Когда он с силой вывернул палец на второй руке, меня все-таки стошнило. Желчью.

Он резко встал и обошел меня. Недовольно покачал головой. Я не мог пошевелить никакими пальцами. Абсолютно. В том числе и здоровыми. Два было сломано на левой руке, один — на правой. Что с ними станет, если вовремя их не загипсовать? Отвалятся? Онемеют и их ампутируют?

Мерзкий комок тошноты всё ещё стоял у меня в глотке.

Меня шатало и вело, голова дребезжала. Я видел моего отца, и снова оказывался там — на полу, задавленный чужими ботинками, с пряжкой ремня, больно жалящей кожу от каждого удара. Я снова цеплялся за пол, за чьи-то ноги, пока кто-то топтался по моему хребту, а кто-то бил так, что лопалась кожа.

Потом я очнулся.

Я ощутил, что подо мной не было никакого стула, я и хотел обрадоваться, что мне все приснилось, что эта была просто слишком долгая паническая атака, или я вырубился в туалете, или ещё что-то.
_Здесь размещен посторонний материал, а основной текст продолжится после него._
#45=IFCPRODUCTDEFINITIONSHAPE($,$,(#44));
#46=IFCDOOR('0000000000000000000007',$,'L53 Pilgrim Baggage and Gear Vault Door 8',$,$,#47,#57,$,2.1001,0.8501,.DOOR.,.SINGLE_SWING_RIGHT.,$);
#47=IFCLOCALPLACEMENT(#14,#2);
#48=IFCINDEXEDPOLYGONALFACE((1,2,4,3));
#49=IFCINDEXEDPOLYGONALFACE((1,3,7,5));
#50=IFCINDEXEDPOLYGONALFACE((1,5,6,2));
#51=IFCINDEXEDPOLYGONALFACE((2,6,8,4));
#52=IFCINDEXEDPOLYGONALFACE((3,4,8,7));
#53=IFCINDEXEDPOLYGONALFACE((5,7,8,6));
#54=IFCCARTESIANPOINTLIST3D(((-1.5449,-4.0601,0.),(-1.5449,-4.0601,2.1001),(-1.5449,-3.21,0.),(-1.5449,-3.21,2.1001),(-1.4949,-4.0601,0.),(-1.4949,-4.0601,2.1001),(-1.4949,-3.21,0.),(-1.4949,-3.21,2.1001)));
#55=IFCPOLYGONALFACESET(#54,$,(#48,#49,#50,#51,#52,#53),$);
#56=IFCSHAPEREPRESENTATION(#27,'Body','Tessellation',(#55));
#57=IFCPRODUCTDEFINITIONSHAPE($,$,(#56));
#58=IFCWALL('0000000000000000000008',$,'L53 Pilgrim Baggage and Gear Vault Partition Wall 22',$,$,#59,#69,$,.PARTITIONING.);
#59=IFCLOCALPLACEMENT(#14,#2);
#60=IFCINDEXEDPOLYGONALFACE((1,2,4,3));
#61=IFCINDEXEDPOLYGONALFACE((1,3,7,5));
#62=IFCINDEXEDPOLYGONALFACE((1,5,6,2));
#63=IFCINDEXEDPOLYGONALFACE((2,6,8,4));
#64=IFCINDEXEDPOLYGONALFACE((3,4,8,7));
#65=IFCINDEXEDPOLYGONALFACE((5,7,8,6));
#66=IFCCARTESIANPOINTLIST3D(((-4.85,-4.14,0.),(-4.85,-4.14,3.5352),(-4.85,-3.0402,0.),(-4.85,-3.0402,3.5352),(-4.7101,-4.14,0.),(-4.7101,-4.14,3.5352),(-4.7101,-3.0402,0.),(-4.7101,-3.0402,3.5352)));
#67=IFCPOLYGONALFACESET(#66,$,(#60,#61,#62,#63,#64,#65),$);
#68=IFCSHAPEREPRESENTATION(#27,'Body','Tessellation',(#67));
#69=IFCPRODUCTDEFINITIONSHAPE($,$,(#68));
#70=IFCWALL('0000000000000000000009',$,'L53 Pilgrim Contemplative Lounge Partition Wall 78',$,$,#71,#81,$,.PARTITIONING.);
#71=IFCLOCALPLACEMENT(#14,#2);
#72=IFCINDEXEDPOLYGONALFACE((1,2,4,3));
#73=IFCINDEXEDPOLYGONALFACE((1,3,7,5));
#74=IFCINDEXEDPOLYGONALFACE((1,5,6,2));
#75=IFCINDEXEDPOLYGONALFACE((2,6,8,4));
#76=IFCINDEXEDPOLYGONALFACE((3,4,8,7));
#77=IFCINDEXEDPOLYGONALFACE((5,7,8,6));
Во рту ничего не болело. Я дернул плечом. Забелела грудь, заболели пальцы. Раздался звон железа.

Я с трудом открыл глаза. Пальцы болели, но не так. Я ощутил, что на них было что-то. Может, чем-то перевязали? Гипс? Не похоже на гипс.

Я проморгался. Жутко хотелось пить. Я поднял голову. Та же комната. Вот стул, на котором у меня недавно (недавно? я не знал, сколько времени прошло) проводили хирургическое вмешательство. Под ним — кровь. Пятно странной формы. Я поблагодарил Дьявола за то, что меня не заставили это съесть.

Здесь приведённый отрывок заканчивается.